Sebagai manusia yang memiliki akal, harusnya kita sadar, kalo kita melakukan aksi pasti ada reaksi, setiap kejadian ada sebab. Kalau kali banjir atau bau ya ada asal muasalnya, bukan karena diturunkan tuhan. Alasan paling masuk diakal saya adalah karena ada seseorang yang nakal buang satu plastik ke kali.
Pasti anda berpikir tidak mungkin hanya karena satu orang saja yang buang plastik kemudian banjir. Memang tidak mungkin.

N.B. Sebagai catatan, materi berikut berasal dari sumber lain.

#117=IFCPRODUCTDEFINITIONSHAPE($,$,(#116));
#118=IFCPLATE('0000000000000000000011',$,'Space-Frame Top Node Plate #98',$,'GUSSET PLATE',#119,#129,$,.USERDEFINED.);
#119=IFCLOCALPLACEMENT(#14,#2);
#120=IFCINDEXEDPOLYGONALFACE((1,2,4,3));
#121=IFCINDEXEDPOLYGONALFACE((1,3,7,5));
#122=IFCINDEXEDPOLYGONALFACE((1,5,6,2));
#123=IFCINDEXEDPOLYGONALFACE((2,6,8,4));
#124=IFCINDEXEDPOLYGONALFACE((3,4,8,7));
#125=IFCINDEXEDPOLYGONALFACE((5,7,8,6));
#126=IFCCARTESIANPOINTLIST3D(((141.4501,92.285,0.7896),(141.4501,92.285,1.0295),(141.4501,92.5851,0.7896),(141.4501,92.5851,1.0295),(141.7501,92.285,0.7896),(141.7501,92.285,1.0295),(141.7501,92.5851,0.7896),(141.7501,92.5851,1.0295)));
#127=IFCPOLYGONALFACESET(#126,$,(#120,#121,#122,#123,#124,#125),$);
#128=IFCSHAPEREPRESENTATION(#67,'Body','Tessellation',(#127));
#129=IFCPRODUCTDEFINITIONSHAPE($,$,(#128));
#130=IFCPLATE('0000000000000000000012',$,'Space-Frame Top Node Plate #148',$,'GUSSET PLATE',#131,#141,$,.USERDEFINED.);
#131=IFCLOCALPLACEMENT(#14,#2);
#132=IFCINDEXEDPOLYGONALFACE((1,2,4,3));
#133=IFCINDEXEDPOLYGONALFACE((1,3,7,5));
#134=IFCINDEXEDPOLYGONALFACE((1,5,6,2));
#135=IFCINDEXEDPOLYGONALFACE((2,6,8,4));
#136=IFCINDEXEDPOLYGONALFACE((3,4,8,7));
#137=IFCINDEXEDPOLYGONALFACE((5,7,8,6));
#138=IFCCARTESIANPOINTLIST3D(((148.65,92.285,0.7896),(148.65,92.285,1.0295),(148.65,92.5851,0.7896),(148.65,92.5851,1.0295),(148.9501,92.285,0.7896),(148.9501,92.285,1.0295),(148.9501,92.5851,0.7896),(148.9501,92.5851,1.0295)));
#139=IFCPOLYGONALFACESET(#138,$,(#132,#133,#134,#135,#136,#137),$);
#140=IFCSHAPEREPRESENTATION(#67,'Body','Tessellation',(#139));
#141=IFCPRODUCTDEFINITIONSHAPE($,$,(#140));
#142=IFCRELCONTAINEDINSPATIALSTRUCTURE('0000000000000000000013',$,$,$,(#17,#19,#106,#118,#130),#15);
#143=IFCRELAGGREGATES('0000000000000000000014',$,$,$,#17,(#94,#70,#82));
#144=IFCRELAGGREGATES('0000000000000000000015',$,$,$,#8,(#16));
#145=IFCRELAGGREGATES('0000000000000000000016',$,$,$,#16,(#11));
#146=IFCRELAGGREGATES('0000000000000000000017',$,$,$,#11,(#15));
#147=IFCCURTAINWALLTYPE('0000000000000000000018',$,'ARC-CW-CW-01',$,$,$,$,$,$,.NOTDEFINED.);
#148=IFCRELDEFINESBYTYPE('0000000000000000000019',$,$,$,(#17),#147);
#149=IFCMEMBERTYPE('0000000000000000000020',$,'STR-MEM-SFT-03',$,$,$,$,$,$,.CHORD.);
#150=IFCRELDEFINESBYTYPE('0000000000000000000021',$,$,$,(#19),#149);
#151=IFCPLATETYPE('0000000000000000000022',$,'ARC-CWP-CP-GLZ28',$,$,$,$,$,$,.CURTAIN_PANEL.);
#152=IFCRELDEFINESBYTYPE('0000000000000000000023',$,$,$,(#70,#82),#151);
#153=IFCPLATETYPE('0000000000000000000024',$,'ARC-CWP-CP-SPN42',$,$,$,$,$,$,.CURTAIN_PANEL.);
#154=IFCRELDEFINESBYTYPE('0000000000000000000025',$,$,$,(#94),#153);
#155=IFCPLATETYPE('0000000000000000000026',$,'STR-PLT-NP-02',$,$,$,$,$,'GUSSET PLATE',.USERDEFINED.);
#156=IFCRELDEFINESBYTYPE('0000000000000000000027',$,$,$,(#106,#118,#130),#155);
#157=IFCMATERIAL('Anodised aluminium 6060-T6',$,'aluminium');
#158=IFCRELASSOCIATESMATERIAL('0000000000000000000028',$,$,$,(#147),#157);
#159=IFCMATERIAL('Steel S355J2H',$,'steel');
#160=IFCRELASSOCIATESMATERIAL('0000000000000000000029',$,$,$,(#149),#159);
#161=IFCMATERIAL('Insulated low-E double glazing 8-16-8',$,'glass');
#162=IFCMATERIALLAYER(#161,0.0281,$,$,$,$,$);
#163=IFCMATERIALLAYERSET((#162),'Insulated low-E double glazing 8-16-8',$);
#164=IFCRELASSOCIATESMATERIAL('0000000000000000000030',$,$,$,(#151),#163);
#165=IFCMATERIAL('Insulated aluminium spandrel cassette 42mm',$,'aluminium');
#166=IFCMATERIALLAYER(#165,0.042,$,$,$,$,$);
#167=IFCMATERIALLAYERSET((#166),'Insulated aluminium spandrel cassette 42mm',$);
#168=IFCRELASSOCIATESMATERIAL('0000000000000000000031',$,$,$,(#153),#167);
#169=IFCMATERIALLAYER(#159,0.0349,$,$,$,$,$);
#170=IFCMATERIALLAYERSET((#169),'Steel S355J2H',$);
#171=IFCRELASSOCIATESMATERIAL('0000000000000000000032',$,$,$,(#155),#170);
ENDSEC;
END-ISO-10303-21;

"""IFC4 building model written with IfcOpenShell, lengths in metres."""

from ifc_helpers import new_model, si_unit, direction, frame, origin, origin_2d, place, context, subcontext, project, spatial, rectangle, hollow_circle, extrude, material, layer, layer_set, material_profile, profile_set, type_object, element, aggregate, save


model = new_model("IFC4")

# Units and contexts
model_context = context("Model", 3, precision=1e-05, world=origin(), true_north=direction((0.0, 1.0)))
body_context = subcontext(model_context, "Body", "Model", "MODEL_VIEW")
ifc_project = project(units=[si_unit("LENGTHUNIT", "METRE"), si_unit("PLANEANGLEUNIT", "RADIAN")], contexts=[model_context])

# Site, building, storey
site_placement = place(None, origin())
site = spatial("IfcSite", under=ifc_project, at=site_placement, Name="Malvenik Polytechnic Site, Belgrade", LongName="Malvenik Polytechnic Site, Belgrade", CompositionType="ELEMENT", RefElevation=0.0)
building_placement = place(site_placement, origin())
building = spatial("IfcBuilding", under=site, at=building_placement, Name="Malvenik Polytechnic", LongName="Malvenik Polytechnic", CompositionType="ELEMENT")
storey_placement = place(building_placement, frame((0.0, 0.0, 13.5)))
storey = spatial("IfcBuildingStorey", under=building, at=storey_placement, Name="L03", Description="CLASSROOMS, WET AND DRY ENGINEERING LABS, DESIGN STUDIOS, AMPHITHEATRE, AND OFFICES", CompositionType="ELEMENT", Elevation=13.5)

Tapi kalau setiap hari ada 20 orang nakal buang plastik ke kali, berapa jumlah plastik yang ada di kali ketika seminggu? 20 x 7 = 140 plastik. Kalo sebulan? 140 x 4 = 560 plastik. Kalo setahun? 560 x 12 = 6720 plastik. Kalo sepuluh tahun? 6720 x 10 = 67200 plastik. Banyak kan. Baru sadar ya.

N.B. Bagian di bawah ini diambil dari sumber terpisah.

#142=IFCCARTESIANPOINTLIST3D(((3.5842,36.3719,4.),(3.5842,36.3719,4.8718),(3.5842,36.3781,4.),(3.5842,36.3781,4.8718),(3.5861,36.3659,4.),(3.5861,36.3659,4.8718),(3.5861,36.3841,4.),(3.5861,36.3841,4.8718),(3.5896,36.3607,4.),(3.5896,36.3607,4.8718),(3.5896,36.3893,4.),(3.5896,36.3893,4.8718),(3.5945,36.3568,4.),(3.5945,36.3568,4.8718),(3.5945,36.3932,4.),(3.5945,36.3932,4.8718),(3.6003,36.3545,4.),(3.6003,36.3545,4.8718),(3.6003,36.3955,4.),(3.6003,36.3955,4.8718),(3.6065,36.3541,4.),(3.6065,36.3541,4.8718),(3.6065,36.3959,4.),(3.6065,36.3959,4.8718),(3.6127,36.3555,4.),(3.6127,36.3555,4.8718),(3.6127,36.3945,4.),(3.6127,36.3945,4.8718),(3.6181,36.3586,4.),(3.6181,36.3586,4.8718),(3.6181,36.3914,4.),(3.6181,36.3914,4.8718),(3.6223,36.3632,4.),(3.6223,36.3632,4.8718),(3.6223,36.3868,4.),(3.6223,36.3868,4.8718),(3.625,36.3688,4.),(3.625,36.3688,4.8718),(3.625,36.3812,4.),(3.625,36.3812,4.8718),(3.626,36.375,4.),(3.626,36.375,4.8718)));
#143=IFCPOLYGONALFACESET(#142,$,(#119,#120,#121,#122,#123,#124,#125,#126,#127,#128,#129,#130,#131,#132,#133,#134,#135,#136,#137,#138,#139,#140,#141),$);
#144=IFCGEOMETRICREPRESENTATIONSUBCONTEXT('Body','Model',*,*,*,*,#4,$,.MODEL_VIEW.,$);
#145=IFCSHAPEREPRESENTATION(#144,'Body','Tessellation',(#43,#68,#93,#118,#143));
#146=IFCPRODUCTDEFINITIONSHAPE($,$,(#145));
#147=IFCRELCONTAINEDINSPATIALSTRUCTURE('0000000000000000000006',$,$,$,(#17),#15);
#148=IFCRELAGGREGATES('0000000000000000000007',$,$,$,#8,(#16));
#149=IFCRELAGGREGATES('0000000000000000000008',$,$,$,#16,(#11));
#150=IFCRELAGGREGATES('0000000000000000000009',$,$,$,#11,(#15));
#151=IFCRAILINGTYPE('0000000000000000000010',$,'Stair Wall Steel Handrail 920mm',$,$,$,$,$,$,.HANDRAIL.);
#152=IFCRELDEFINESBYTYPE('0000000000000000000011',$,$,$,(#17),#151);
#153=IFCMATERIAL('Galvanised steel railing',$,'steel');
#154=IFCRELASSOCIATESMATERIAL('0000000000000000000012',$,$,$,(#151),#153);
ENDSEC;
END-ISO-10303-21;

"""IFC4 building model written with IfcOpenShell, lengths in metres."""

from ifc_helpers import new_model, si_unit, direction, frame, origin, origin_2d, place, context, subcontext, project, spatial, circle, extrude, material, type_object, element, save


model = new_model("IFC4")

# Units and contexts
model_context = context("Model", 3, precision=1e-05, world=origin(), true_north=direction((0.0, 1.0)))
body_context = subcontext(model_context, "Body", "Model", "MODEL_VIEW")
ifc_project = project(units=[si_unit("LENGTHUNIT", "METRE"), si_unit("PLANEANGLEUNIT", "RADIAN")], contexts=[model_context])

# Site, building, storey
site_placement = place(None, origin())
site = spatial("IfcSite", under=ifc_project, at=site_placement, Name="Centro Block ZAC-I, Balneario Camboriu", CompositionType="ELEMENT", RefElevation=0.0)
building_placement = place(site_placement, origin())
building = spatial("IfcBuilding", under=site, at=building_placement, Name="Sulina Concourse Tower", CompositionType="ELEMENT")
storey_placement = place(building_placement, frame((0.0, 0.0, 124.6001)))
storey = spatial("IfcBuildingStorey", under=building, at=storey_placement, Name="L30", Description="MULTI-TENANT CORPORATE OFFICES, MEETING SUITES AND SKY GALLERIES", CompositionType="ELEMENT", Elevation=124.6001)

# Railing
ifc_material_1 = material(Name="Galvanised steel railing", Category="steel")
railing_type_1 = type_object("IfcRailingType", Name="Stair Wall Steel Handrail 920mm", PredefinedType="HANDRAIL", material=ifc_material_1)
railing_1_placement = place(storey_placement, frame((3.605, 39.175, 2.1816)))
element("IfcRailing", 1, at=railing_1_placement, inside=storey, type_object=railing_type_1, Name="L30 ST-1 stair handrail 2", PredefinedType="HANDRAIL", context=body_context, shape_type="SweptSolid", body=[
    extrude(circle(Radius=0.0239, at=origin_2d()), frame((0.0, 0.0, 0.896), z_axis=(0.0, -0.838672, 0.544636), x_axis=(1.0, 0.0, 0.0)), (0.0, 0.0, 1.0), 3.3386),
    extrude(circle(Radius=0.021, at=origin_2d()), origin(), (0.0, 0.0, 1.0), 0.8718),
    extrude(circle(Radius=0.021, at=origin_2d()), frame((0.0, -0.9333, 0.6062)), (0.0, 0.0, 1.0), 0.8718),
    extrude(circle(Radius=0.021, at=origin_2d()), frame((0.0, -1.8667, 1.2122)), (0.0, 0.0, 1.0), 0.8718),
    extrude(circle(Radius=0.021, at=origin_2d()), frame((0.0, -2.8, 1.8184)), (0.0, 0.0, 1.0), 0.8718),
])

Apa Yang Harus Kita Lakukan?
|
Kumpulan sampah yang dibuang sembarangan dalam gerbong kereta |
Buanglah sampah pada tempatnya. Seharusnya kalimat tersebut kita terapkan. Tak ada alasan untuk tak menerapkannya. Apa susahnya buang sampah pada tempatnya? Nihil. Malah nambah pahala, dan keliatan makin ganteng kalo dilihat gebetan.

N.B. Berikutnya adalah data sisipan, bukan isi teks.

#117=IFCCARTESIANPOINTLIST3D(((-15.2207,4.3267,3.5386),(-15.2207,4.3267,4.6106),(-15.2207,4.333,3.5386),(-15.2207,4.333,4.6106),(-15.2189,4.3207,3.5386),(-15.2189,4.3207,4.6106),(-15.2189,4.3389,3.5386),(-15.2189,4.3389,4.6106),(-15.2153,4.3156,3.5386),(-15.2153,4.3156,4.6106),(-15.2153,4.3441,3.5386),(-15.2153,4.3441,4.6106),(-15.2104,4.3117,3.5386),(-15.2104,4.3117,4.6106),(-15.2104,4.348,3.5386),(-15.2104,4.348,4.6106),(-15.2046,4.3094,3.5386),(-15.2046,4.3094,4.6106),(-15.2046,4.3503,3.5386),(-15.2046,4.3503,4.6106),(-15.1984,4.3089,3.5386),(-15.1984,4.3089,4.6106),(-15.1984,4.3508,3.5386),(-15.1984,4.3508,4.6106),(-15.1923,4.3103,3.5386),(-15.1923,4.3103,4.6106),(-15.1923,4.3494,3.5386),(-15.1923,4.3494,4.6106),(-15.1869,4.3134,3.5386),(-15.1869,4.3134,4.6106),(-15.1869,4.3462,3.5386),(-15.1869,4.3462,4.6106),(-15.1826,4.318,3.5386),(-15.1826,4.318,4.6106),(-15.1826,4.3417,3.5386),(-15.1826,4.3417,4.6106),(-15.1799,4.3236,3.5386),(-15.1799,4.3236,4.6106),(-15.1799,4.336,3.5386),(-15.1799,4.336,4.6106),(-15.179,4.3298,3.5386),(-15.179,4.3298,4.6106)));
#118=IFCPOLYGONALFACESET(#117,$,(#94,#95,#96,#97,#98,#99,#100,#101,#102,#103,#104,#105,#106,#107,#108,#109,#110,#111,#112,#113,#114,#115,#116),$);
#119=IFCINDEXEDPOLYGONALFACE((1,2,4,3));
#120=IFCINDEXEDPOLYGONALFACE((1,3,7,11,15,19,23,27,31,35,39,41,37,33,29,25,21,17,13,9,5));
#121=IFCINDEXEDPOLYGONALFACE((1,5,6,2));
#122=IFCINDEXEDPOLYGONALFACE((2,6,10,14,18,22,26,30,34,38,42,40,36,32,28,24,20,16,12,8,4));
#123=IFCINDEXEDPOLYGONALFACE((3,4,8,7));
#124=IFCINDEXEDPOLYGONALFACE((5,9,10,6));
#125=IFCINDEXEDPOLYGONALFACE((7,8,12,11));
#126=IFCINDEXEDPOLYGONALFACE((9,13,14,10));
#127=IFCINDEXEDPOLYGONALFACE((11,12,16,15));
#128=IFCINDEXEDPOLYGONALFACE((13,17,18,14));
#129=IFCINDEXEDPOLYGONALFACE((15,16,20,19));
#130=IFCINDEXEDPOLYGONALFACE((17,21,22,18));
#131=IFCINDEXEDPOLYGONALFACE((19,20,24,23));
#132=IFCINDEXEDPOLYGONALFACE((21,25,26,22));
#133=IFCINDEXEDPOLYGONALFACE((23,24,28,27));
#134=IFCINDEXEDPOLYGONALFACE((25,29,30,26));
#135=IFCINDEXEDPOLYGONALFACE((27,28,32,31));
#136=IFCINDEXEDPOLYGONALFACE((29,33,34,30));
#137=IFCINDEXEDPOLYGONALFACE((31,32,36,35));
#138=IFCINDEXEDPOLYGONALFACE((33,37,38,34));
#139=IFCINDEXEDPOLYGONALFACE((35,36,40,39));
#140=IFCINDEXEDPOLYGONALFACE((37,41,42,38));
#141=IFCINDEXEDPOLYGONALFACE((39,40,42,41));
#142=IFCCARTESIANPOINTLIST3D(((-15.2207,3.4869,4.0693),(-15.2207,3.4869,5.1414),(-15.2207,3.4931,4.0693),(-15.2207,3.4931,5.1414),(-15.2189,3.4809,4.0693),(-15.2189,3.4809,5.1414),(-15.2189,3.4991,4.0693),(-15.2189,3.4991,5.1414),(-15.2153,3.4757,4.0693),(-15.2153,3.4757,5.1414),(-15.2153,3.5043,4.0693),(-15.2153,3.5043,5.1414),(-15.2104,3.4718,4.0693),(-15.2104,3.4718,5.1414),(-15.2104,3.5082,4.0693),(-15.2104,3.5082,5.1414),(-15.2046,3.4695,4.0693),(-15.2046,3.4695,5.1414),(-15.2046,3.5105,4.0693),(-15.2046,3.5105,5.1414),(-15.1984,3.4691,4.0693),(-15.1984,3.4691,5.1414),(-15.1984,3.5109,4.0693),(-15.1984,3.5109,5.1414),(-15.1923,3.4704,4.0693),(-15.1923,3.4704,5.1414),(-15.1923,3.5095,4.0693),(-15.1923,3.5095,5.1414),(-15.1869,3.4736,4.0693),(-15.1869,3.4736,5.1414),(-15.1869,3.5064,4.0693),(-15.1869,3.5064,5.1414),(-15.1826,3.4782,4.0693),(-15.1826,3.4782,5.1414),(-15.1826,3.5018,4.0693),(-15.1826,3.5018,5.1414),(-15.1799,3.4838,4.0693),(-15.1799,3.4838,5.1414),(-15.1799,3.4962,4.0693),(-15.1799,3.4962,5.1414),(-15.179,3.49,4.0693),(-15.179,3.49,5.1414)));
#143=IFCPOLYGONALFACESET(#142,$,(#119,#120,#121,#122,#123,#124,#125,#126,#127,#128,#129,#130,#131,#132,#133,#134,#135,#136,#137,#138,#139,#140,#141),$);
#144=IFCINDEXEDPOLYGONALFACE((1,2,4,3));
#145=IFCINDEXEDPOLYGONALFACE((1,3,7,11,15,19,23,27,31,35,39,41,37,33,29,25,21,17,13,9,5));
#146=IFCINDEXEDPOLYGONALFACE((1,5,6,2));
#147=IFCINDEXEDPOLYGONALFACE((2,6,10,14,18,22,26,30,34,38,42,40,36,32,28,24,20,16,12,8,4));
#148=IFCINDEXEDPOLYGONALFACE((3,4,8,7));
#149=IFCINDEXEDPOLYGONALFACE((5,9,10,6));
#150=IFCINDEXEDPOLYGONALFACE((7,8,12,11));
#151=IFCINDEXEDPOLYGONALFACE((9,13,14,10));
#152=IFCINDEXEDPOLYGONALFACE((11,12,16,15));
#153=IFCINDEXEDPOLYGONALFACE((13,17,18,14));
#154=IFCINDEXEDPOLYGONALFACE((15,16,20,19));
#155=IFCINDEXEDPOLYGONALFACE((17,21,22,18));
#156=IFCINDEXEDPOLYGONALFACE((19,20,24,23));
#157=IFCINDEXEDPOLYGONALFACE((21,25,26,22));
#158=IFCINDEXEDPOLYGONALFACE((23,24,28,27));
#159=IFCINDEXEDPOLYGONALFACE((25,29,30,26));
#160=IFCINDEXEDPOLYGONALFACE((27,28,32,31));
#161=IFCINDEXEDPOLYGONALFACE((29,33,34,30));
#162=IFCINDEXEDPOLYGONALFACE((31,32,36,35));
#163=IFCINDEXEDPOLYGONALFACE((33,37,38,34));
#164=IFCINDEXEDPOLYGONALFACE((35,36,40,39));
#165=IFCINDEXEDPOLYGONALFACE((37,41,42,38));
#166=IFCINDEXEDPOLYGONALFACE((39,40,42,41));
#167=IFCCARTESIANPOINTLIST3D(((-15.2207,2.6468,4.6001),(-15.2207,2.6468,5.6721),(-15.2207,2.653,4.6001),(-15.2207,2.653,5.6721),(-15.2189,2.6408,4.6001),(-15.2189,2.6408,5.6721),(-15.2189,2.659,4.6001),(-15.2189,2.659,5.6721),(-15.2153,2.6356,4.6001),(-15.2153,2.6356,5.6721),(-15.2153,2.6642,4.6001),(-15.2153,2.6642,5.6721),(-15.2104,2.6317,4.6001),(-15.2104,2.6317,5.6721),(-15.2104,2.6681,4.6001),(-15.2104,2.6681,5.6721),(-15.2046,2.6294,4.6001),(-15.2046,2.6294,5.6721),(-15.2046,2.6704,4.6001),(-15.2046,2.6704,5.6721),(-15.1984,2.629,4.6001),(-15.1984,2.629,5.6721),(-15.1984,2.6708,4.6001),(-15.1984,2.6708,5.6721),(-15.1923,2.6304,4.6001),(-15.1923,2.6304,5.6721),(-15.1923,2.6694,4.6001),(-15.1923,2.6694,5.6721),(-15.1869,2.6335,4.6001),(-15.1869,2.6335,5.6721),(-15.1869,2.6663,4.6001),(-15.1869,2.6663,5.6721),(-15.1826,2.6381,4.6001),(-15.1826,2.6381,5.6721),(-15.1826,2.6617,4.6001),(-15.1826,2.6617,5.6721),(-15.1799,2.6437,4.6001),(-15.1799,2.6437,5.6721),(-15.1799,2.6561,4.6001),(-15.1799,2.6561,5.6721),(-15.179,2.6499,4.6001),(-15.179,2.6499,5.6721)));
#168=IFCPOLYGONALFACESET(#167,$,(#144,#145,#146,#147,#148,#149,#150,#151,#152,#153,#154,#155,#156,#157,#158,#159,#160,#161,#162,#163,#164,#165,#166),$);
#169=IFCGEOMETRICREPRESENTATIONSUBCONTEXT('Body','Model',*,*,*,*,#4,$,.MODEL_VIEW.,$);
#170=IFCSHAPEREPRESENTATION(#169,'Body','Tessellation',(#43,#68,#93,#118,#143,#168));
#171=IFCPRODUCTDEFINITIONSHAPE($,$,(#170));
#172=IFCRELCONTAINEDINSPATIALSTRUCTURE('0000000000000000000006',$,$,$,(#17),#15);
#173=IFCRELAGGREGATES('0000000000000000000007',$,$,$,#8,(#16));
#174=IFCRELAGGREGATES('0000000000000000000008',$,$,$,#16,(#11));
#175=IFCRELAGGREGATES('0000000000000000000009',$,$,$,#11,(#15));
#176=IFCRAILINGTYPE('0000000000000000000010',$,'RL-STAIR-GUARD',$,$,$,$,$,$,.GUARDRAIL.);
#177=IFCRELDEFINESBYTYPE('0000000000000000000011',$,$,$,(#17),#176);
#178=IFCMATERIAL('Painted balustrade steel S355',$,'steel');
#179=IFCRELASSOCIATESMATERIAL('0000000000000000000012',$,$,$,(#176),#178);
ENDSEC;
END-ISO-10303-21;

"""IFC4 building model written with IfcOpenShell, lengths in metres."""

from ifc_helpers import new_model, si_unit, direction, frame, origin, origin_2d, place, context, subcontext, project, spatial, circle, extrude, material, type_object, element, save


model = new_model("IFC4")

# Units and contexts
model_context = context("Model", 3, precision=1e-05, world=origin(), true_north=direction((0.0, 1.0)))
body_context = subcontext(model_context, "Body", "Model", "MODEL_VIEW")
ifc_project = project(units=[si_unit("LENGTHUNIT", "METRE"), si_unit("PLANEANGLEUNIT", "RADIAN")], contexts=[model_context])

Ingat, setiap anda membeli produk dalam kemasan, anda mempunyai tanggungjawab untuk membuang bagian yang tidak terpakai tepat pada tempatnya. Anda tak mau dibilang manusia tak bertanggungjawab kan? Makanya sisa makannya dibuang dong, jangan asal dilempar ke pojokan.
Jika anda tidak menemukan tempat sampah umum, anda bisa mengumpulkannya terlebih dahulu dalam satu wadah (kantong kresek atau tas ramah lingkungan) untuk dibuang kemudian. Kalau anda punya sedikit nyali, bisa titip ke toko kelontong atau tukang apapun di sebelah anda, biasanya mereka punya tempat sampah sendiri. Kalo cupu ya gausah, bawa pulang aja.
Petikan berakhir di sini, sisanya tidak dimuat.